Dabei hat der Gründer der Sammlung so gut wie nie in Jena gewirkt, obwohl er hier lange Zeit eine Zweitwohnung unterhielt. Altorientalist Hermann Volrath Hilprecht, geboren 1859 im sachsen-anhaltinischen Staßfurt, forschte und lehrte vor allem in Philadelphia. Zudem nahm er an zwei Ausgrabungskampagnen in der sumerischen Metropole Nippur teil. Da seine erste Frau Ida 1902 in Jena starb, vererbte er seine Sammlung – die ganz offiziell den Namen „Frau Professor Hilprecht Sammlung Babylonischer Altertümer“ trägt – nach seinem Tod 1925 der hiesigen Universität. Inzwischen ist sie die zweitgrößte ihrer Art in Deutschland, nur die des Vorderasiatischen Museums in Berlin ist noch umfangreicher.

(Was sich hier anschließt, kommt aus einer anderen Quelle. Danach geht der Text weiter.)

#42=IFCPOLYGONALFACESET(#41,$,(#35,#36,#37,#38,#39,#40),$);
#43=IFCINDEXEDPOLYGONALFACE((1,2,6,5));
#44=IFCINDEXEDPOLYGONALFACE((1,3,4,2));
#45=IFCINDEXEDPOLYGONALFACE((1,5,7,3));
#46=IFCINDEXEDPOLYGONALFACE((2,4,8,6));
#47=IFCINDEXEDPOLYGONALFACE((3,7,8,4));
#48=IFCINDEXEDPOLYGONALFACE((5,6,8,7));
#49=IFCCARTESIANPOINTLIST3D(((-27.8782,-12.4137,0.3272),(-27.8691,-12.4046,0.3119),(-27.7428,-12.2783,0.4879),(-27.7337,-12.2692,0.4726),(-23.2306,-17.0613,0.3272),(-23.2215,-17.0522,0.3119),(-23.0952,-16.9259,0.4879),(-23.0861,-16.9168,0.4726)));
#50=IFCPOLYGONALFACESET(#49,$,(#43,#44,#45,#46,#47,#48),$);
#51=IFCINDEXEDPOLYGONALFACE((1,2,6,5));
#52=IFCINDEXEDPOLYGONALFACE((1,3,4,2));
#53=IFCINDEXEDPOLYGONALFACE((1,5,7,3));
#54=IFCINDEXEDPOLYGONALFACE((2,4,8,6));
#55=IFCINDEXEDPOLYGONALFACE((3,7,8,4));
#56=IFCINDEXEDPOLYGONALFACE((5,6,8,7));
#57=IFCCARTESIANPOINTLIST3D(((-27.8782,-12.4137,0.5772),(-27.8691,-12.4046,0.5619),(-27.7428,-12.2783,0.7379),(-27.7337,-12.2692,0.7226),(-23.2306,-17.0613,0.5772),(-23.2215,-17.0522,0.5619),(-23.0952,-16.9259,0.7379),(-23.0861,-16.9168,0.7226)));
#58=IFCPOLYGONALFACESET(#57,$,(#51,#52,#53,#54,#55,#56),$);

„Unsere Sammlung, die vor allem Keilschrifttafeln umfasst, sticht dabei nicht nur durch die reine Menge hervor, sondern vor allem durch ihre Reichhaltigkeit“, sagt der Sammlungsleiter Prof. Dr. Manfred Krebernik von der Universität Jena. „Generell sind die meisten bekannten Keilschrifttafeln administrativer Art und umfassen beispielsweise Rationen- und Abgabenlisten, aber auch juristische Urkunden wie etwa Darlehens-, Pacht- oder Kaufverträge. Doch in unserer Sammlung ist darüber hinaus ein großer Teil der sumerischen Literatur vertreten.“ So findet sich unter den Jenaer Keilschrifttafeln der Mythos „Inannas Gang in die Unterwelt“ sowie Vorläufer des berühmten Gilgamesh-Epos‘. Diese Fülle an verschiedenen Textgattungen führe Jahr für Jahr Experten aus aller Welt nach Jena, um die Keilschriften im Original studieren zu können. Darüber hinaus bilden die Texte eine breite Zeitspanne ab – von der frühdynastischen Zeit (26. Jahrhundert v. Chr.) bis in die hellenistische Zeit (3. Jahrhundert v. Chr.).

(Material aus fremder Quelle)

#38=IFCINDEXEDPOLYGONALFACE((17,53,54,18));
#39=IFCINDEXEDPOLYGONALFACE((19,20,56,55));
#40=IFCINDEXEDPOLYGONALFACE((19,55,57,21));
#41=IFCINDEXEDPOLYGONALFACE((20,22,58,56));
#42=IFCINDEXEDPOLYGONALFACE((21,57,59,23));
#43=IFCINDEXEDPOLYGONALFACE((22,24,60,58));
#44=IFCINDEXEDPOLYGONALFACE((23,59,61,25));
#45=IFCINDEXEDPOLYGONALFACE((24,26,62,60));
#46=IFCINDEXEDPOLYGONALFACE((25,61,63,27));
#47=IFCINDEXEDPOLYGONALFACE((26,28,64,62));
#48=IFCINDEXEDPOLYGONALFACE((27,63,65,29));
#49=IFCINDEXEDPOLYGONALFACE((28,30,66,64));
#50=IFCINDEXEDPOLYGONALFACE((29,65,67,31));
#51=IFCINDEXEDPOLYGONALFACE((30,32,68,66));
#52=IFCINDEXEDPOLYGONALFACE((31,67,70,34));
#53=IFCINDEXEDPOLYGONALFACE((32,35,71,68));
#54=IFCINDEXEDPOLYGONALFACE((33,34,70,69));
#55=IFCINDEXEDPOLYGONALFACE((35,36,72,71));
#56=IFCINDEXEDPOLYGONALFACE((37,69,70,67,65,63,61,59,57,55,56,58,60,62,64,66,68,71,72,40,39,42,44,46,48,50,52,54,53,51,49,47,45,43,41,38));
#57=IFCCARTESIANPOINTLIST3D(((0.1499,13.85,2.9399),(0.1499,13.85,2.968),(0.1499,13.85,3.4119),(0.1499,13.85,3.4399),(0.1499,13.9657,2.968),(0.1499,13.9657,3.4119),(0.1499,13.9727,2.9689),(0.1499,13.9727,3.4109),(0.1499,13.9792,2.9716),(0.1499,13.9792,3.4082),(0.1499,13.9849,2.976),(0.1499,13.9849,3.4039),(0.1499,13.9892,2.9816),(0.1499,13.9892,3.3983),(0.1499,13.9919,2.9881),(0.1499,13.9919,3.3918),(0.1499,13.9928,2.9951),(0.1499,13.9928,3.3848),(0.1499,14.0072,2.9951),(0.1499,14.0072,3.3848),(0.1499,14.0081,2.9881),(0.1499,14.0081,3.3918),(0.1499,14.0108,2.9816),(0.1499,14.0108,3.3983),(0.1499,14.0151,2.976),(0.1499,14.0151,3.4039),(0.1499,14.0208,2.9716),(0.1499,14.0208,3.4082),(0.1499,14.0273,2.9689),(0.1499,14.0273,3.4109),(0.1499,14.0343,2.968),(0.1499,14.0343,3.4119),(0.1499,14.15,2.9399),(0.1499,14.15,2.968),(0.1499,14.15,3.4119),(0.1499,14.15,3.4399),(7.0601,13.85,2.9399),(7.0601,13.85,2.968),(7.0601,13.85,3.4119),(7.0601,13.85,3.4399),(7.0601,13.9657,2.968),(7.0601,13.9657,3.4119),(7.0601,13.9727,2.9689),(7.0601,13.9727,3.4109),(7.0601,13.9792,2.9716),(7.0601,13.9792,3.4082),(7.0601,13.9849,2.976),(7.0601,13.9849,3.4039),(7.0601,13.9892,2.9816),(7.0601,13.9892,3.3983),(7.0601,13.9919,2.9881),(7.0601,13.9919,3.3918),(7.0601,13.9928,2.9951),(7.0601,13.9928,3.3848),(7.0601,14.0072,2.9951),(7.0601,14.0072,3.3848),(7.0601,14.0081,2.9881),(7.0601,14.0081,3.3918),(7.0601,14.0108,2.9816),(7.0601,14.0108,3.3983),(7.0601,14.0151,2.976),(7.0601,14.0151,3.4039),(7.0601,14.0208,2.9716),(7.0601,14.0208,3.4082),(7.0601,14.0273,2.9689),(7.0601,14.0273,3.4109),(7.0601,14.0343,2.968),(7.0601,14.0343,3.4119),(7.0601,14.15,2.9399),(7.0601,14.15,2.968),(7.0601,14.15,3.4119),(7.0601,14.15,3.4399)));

Der älteste Stadtplan der Welt

Der neue Katalog bietet zum einen spannende Einblicke in die Hilprecht-Sammlung der Universität Jena. Zum anderen informieren die Autoren, unter ihnen viele Studierende, auf sehr zugängliche Art und Weise über die Inhalte ihrer Wissenschaft. Sie erklären die verschiedenen Keilschriften und ihre Sprachen, bieten anhand einzelner Beispiele aus der Sammlung einen Überblick über die verschiedenen Textgattungen und ihren historischen Kontext, und sie stellen darüber hinaus auch andere Exponate vor, die sich nicht bzw. nicht nur durch Schrift auszeichnen. Das betrifft u. a. das wohl berühmteste Stück der Jenaer Sammlung: den ältesten Stadtplan der Welt. Dabei handelt es sich um eine in etwa maßstabsgetreue Karte von Nippur. Der Plan ist etwa 3.500 Jahre alt und dokumentierte vermutlich die Verteidigungsanlagen der Stadt.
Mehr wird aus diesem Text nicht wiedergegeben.